Ayrıca bu durum HMK 222/5’te taraflardan biri tacir olmasa dahi, tacir olan diğer tarafın ticari defterlerindeki kayıtları kabul edeceğini belirtir; ancak, karşı taraf defterlerini ibrazdan kaçınırsa, ibrazı talep eden taraf iddiasını ispat etmiş sayılacağı şeklinde ifade edilmiştir.
6102 sayılı Türk Ticaret Kanunu(TTK)’nun 21/2. Maddesine göre; bir fatura alan kişi aldığı tarihten itibaren sekiz gün içinde, faturanın içeriği hakkında bir itirazda bulunmamışsa bu içeriği kabul etmiş sayılır.
Fatura düzenlenebilmesi için taraflar arasında bir akdi ilişkinin bulunması gereklidir. Bunun yanı sıra fatura tacirler arasında ifaya yönelik bir ispat aracı kabul edilmekte ve faturada yer alması olağan sayılan malın cinsi veya yapılan işin adedi, türü ve bedeli gibi fatura mündericatından sayılan hususlar yönünden düzenleyen lehine, adına fatura düzenlenen aleyhine karine teşkil etmektedir. Ancak bu karinenin aksi elbetteki her türlü delil ile ispatlanabilir.

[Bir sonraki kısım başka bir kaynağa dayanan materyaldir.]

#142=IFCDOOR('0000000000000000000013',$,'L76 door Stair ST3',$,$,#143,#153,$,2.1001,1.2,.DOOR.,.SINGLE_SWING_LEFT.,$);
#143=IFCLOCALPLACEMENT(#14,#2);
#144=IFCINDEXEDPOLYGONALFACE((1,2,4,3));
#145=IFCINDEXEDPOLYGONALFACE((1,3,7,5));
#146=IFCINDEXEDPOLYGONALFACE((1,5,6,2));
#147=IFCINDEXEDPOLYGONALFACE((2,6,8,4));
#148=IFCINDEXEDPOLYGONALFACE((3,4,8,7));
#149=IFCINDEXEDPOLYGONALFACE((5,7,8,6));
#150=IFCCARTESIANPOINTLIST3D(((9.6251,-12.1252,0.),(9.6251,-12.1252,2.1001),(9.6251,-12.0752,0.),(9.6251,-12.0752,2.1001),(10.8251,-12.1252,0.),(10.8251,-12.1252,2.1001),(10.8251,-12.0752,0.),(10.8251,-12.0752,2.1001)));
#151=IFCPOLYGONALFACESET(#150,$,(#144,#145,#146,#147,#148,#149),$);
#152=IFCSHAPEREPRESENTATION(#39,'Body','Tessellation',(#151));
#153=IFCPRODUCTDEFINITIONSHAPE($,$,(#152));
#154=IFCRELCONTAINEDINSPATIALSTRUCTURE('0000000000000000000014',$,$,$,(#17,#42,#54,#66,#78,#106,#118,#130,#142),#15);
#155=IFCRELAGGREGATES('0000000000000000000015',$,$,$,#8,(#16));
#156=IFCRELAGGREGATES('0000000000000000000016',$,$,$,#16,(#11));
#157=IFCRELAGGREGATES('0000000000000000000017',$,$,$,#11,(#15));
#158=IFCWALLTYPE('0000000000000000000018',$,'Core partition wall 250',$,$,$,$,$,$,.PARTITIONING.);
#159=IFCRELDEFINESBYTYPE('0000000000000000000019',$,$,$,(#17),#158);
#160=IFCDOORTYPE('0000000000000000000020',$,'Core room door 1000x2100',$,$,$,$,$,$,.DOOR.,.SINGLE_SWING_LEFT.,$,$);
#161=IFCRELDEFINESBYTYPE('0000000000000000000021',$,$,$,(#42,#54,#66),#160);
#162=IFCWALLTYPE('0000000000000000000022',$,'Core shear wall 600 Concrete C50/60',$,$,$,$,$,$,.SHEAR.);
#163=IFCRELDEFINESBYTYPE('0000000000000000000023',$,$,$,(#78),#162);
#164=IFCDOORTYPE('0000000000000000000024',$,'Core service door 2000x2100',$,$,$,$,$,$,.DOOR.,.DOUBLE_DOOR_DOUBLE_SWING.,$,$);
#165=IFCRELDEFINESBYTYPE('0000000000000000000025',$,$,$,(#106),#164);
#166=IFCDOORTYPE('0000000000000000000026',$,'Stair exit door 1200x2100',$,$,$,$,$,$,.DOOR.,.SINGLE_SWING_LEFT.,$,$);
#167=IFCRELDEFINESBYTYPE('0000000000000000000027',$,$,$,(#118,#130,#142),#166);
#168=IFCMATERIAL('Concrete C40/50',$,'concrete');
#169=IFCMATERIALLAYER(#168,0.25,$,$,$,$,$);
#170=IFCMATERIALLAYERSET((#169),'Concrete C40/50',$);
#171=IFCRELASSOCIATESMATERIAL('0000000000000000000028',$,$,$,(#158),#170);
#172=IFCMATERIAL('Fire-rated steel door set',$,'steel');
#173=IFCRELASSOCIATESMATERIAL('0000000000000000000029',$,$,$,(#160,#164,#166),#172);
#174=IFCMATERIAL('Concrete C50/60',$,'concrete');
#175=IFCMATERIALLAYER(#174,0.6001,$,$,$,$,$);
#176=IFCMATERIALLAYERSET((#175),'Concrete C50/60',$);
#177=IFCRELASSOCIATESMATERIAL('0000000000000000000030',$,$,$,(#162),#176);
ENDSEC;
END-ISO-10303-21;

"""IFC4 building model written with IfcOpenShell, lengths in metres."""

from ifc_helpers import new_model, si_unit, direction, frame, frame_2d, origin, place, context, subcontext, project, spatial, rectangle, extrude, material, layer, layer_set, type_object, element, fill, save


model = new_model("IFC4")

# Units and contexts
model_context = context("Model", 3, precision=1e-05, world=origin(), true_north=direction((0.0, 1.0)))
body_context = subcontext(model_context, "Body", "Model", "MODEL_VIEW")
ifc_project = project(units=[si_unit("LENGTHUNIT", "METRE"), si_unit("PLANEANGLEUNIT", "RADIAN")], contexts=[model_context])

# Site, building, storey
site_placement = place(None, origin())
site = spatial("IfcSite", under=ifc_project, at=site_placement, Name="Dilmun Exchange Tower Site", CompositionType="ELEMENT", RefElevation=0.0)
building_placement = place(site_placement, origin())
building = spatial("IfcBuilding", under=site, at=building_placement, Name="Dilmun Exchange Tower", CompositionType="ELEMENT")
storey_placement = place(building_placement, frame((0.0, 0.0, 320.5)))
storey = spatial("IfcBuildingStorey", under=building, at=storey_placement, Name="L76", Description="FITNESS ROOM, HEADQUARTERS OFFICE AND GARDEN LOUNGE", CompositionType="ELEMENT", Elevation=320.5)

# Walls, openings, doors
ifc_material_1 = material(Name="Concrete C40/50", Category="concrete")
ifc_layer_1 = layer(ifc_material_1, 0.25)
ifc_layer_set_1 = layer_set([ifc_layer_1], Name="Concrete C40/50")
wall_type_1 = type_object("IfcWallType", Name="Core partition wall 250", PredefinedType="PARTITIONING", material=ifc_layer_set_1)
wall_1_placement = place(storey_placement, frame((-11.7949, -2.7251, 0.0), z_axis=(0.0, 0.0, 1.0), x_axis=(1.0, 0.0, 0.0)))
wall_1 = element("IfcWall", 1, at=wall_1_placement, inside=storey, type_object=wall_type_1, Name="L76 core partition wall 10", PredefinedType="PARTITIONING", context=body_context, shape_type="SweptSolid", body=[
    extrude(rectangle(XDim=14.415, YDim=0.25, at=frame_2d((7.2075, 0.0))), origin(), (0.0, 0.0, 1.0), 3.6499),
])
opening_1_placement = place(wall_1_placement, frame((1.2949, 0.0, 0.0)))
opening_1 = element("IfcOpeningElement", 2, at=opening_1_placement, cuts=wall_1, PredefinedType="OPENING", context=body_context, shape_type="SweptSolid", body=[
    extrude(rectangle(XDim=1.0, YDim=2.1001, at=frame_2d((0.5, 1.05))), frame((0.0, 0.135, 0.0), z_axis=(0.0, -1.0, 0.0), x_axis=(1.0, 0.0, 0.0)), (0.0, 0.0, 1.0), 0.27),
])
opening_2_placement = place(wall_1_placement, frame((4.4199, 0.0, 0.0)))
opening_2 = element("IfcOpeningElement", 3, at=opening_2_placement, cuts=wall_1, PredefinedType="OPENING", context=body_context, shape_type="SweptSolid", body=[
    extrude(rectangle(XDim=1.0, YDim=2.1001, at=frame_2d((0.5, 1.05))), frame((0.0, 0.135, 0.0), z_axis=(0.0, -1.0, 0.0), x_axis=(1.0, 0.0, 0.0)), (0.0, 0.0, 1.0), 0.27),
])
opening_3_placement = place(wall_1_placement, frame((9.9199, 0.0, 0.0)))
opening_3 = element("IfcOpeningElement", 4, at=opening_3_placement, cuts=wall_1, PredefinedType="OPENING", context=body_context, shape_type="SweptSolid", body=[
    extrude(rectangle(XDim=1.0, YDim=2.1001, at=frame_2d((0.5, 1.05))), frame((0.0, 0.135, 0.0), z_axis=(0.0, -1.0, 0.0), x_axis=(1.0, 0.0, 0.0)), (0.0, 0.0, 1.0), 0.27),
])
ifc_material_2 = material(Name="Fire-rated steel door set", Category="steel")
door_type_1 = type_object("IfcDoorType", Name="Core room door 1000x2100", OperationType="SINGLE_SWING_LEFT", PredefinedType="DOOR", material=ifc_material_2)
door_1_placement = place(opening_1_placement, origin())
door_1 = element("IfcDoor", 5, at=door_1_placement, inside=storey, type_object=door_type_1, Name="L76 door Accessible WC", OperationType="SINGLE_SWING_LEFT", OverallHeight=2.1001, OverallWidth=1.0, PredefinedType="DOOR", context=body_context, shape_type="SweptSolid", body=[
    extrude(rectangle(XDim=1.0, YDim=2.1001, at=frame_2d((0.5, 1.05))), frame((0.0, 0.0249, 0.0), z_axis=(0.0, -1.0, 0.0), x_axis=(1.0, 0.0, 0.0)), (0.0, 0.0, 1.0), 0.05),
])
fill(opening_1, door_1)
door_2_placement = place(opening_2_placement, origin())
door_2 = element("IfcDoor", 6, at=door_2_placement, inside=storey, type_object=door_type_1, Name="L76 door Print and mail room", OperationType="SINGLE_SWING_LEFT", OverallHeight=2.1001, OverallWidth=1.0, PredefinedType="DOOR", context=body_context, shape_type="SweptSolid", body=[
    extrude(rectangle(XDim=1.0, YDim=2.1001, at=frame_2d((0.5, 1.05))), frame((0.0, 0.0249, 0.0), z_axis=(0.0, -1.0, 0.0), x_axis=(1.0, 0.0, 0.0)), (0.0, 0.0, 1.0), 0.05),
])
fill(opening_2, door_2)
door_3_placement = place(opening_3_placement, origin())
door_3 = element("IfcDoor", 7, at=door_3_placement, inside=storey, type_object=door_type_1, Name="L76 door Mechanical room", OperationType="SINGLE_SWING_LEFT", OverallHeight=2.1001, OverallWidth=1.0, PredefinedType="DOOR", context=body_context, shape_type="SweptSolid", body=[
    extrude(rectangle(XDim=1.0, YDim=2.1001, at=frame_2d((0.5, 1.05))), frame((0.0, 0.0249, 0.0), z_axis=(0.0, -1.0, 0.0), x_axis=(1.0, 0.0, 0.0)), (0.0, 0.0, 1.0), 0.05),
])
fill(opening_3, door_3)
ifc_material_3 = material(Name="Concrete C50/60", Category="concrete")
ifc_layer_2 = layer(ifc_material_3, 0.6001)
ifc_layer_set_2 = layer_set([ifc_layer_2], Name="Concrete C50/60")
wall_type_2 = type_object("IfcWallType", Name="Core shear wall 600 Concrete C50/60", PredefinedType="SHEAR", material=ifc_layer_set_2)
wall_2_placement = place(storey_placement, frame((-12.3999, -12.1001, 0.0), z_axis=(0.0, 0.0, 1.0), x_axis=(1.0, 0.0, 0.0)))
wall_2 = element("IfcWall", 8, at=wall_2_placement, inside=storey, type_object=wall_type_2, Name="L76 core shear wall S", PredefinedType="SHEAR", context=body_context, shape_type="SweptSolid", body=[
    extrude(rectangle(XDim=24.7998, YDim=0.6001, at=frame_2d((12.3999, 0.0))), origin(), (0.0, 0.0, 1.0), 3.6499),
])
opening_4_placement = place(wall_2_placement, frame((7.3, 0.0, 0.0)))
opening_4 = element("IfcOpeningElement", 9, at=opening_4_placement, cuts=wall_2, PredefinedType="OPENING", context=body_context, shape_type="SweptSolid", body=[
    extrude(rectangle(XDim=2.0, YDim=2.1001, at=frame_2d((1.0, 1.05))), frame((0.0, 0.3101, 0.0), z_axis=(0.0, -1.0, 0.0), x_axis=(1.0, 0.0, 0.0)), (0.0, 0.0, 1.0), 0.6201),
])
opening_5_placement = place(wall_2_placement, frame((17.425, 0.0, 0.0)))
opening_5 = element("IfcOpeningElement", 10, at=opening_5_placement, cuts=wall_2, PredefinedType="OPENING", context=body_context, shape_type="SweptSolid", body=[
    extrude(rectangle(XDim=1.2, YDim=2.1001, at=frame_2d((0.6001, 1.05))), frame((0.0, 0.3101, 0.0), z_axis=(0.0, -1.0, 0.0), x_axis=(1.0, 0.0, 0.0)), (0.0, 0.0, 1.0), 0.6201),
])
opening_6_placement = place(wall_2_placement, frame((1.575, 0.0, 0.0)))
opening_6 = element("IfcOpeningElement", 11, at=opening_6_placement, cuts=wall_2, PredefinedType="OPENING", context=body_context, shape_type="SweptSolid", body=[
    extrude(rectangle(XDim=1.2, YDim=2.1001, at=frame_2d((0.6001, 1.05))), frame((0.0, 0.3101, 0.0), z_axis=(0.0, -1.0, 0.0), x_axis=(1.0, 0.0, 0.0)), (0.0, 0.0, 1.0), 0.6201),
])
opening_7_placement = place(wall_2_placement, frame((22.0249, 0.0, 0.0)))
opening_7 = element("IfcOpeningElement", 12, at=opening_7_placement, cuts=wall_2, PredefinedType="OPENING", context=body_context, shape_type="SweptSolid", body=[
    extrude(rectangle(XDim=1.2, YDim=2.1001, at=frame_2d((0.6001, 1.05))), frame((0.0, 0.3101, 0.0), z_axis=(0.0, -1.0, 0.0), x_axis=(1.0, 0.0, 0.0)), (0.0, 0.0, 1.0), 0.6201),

30/09/2020 tarihli celsenin 5. nolu ara kararında İddia ve savunma hudutları doğrultusunda, dosya içeriği delil ve belgeler üzerinde taraf iddialarının yerindeliği, alacağının varlığı ve miktarının belirlenmesi bakımından bilirkişi incelemesi yapılmasına HMK 220/5 ihtaratında bulunulduğu, inceleme gününde taraf ticari defterlerinin hazır edilmelerinin belirtildiği bu hususun hazır bulunan davacı vekiline ihtar edildiği, davalı tarafa bu hususun davalı tarafa bu hususun duruşma tutanağının tebliği suretiyle ihtar edildiği, davalı vekilince yerinde incelem günü ticari defter ve kayıtların ibraz edilmediği, davalı tarafça bilirkişi raporuna karşı herhangi beyan ve itiraz sunulmadığı,davalı tarafın HMK mad. 222’ye göre defter ibrazından kaçınmış sayıldığı görülmektedir.
Yukarıda yapılan açıklama ve sözü edilen kurallarla birlikte somut olay değerlendirildiğinde; Davalı kendisine tebliğ edilen dava konusu faturalara süresinde itiraz etmemiştir. Mahkememizce ticari defterlerini sunmaları için taraflara süre verilmiş olup davacı defterleri üzerinde yapılan inceleme sonucu alınan bilirkişi raporu ile talep edilen alacağın varlığı kanıtlanmıştır.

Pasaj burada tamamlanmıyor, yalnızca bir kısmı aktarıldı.